Ethernet on Teensy 4.1 with Rust

coral

New member
Hello! New on this forum so let me know if this is the wrong place to ask this question.

I've worked on a project with Teensy 4.1 for a while and wrote it in Rust mostly using the HAL provided by teensy4-rs. It's going great so far but have finally come to the part of incorporating Ethernet. There is no rust library yet for wrapping the Teensy ethernet chip to Rust ip constructs which makes sense so wanted to see what people think is the best way forward and help me clear up some misunderstandings.

1) What is the actual ethernet chip on the Teensy 4.1? The website says DP83825I but reading NativeEthernet's source code I only see references to W5100/W5500 etc. Is W5500 the actual chip and DP83825I is just a A/D chip for Ethernet? I don't understand this too well so sorry for the question.

2) Does people think it makes sense to generate bindings against NativeEthernet or QNEthernet using bindgen or cxx or does it make sense to just implement the ethernet driver in Rust based on the code that drives it from NativeEthernet? Both seems pain here but what would people's take be on the least amount of pain?
 
I can't answer about the software side, as I've never used Rust.

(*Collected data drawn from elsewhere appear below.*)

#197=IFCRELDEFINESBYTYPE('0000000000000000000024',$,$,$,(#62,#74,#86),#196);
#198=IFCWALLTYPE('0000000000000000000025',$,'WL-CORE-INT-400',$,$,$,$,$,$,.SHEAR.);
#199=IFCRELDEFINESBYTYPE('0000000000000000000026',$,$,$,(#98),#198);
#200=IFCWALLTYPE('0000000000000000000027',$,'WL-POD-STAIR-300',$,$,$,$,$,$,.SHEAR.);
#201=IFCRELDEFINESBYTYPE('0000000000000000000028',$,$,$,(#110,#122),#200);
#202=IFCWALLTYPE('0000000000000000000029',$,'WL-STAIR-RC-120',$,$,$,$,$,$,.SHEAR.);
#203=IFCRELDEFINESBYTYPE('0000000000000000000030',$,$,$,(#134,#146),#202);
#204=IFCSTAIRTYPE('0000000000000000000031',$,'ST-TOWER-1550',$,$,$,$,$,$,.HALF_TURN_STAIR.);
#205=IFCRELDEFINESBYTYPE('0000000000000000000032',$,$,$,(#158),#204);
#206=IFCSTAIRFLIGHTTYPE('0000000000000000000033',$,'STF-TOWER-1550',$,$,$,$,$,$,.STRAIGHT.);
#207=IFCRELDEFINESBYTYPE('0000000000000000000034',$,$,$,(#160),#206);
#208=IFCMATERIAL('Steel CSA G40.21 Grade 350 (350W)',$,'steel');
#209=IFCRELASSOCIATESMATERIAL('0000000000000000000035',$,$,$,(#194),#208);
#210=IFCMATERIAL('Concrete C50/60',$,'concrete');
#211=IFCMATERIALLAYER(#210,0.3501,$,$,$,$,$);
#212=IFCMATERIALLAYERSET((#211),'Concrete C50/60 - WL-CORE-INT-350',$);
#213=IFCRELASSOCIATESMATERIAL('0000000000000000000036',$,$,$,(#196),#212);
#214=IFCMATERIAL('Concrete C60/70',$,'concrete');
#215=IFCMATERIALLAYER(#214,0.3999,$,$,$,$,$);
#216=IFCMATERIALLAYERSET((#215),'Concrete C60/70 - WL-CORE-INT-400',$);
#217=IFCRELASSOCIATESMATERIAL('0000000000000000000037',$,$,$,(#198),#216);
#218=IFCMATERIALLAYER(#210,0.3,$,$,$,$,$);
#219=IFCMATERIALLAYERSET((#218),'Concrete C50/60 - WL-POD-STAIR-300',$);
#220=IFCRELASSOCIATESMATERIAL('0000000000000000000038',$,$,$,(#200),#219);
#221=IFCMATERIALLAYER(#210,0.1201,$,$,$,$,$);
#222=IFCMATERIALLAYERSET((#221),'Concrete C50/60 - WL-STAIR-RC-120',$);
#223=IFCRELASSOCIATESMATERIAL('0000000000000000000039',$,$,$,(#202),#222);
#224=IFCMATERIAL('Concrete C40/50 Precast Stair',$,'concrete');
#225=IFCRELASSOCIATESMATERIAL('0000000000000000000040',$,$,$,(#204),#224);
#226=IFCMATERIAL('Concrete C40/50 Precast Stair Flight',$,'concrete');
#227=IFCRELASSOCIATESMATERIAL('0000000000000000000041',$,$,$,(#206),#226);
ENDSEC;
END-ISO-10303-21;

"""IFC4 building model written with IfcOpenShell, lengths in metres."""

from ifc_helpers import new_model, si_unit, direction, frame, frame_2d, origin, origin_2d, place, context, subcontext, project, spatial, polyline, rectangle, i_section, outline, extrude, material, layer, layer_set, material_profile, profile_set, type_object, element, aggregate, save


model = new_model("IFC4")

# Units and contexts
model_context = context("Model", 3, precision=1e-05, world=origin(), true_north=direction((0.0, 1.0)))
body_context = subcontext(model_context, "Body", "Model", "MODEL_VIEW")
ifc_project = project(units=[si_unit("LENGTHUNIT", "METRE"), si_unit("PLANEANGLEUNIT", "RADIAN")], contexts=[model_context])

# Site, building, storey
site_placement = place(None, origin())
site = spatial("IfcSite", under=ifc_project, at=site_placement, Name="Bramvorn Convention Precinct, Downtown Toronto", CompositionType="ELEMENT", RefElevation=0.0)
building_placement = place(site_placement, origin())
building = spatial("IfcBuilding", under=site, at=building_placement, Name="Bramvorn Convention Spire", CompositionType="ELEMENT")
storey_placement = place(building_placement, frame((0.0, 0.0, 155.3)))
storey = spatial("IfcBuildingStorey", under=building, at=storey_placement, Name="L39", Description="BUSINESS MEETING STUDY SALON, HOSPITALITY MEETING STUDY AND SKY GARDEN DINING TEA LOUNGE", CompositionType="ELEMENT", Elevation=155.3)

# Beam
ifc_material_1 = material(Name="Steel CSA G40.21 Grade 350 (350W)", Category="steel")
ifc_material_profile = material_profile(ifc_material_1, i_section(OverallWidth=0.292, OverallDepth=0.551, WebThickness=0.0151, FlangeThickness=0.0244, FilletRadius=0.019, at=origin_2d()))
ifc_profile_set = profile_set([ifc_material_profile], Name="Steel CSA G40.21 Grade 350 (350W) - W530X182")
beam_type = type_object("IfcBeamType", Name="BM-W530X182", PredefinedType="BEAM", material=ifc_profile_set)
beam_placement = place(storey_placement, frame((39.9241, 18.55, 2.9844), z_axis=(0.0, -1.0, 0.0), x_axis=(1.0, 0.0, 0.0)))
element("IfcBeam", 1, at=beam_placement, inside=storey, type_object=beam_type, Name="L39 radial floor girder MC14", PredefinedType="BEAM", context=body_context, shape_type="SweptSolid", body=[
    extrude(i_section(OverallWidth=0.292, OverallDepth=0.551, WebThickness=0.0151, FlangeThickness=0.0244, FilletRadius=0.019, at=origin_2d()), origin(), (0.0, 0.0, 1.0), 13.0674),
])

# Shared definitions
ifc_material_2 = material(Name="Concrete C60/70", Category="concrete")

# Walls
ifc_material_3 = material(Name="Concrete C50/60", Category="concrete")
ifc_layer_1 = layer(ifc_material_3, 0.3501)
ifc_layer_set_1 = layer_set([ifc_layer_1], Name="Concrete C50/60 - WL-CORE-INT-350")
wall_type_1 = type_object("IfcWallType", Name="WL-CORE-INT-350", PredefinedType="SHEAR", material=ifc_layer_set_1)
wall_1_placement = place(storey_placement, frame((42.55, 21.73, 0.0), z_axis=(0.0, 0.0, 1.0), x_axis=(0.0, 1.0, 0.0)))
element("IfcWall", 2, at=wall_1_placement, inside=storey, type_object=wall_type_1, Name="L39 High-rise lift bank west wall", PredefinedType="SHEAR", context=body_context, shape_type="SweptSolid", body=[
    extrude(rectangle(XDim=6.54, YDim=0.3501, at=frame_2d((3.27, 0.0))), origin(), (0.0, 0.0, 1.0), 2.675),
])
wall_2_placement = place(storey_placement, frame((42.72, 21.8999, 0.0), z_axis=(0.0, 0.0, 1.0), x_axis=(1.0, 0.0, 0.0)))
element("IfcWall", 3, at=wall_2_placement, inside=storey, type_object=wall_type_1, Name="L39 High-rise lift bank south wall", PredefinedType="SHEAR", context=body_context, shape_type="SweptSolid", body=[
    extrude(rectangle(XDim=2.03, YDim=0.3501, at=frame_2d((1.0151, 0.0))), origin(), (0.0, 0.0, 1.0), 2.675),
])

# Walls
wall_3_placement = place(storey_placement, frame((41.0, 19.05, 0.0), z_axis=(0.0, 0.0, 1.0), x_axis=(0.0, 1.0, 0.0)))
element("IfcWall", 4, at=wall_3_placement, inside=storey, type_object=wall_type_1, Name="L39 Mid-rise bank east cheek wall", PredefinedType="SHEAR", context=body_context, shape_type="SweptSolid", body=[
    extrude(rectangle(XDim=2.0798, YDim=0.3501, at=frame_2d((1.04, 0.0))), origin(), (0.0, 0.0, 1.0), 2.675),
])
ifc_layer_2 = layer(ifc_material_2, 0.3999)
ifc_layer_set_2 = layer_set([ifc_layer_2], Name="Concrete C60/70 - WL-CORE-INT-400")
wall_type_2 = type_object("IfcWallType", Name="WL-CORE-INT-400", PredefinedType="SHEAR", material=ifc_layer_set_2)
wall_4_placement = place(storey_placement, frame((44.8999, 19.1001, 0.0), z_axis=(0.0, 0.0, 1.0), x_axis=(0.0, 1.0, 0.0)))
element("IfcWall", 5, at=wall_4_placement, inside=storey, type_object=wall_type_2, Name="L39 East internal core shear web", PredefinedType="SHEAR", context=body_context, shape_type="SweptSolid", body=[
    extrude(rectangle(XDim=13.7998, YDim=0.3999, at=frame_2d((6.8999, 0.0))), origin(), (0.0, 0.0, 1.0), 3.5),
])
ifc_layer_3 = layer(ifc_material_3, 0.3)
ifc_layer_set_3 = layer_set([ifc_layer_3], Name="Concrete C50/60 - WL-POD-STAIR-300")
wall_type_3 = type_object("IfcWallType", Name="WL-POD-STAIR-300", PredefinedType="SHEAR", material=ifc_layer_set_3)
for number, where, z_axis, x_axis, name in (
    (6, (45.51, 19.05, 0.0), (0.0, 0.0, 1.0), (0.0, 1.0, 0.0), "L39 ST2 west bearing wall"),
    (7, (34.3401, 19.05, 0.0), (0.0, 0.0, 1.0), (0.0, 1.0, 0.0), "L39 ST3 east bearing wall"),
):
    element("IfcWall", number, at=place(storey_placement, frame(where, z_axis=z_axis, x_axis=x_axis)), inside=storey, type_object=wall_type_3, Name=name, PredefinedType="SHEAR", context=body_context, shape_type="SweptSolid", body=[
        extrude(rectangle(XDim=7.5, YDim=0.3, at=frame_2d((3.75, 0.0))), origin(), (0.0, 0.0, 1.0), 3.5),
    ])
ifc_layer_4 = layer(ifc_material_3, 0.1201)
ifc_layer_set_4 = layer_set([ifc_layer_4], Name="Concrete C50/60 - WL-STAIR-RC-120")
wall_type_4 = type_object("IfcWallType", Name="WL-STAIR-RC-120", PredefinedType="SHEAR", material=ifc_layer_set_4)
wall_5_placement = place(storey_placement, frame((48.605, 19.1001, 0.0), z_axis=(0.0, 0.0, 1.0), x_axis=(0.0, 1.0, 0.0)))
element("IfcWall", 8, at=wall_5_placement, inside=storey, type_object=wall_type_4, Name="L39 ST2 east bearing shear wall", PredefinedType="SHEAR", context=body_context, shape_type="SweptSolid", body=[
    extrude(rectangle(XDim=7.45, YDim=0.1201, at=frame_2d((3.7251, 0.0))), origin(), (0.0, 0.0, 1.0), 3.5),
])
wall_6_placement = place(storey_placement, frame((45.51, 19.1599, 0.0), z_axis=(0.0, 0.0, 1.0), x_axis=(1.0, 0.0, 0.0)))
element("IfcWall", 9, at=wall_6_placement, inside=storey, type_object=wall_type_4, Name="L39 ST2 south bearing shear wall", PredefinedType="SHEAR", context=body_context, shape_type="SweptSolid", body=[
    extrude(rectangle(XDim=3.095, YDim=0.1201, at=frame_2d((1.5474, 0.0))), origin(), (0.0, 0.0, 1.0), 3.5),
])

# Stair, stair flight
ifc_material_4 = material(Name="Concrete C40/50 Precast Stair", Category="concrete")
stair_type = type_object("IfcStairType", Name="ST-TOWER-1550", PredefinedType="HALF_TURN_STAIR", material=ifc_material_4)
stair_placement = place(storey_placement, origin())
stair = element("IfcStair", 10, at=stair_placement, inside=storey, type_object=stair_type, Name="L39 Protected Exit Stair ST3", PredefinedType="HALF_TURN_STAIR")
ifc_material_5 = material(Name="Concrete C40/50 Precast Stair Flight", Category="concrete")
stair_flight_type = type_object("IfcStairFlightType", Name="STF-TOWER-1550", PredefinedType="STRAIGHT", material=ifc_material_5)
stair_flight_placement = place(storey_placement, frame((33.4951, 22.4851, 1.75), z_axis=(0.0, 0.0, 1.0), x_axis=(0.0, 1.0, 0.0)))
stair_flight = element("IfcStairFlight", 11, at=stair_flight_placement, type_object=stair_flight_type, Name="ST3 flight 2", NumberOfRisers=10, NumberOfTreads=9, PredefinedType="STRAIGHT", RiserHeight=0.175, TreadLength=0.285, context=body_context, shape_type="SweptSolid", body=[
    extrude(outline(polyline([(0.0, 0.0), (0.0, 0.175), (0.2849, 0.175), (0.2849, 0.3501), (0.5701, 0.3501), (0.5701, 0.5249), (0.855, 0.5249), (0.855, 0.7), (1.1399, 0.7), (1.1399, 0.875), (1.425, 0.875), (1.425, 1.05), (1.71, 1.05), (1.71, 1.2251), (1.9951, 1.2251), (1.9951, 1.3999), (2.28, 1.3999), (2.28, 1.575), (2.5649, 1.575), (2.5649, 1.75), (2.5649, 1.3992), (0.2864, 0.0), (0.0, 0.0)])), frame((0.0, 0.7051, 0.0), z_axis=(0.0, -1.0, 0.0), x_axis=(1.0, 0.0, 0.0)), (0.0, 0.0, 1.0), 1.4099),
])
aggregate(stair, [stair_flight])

But on the hardware side, Teensy 4.1 Ethernet is a combination of an Ethernet MAC (pretty much all the digital circuitry) built inside the man IMXRT chip and the DP83825I phy chip (mostly analog stuff), and the magjack accessory. As far as the software is concerned, all the interesting stuff is within the built-in Ethernet mac. It's documented in chapter 41 of the reference manual starting on page 2079. The DP83825I chip normally "just works". It does have a MDIO interface which can configure lots of things, but that's rarely used. Obviously the magjack part doesn't have any configuration, it just couples the RJ45 to the 6 pins connected to the DP83825I PHY chip.

Stuff about W5500 is probably just leftover comments and unused code. W5500 is completely different ethernet hardware which connects to the SPI port. It is supported by the normal Arduino Ethernet library.
 
Ok so if I follow the code to do ethernet in the FNET repo it should prob work? Seems like a deep pool of hurt but that's what I enjoy so time to dive right in.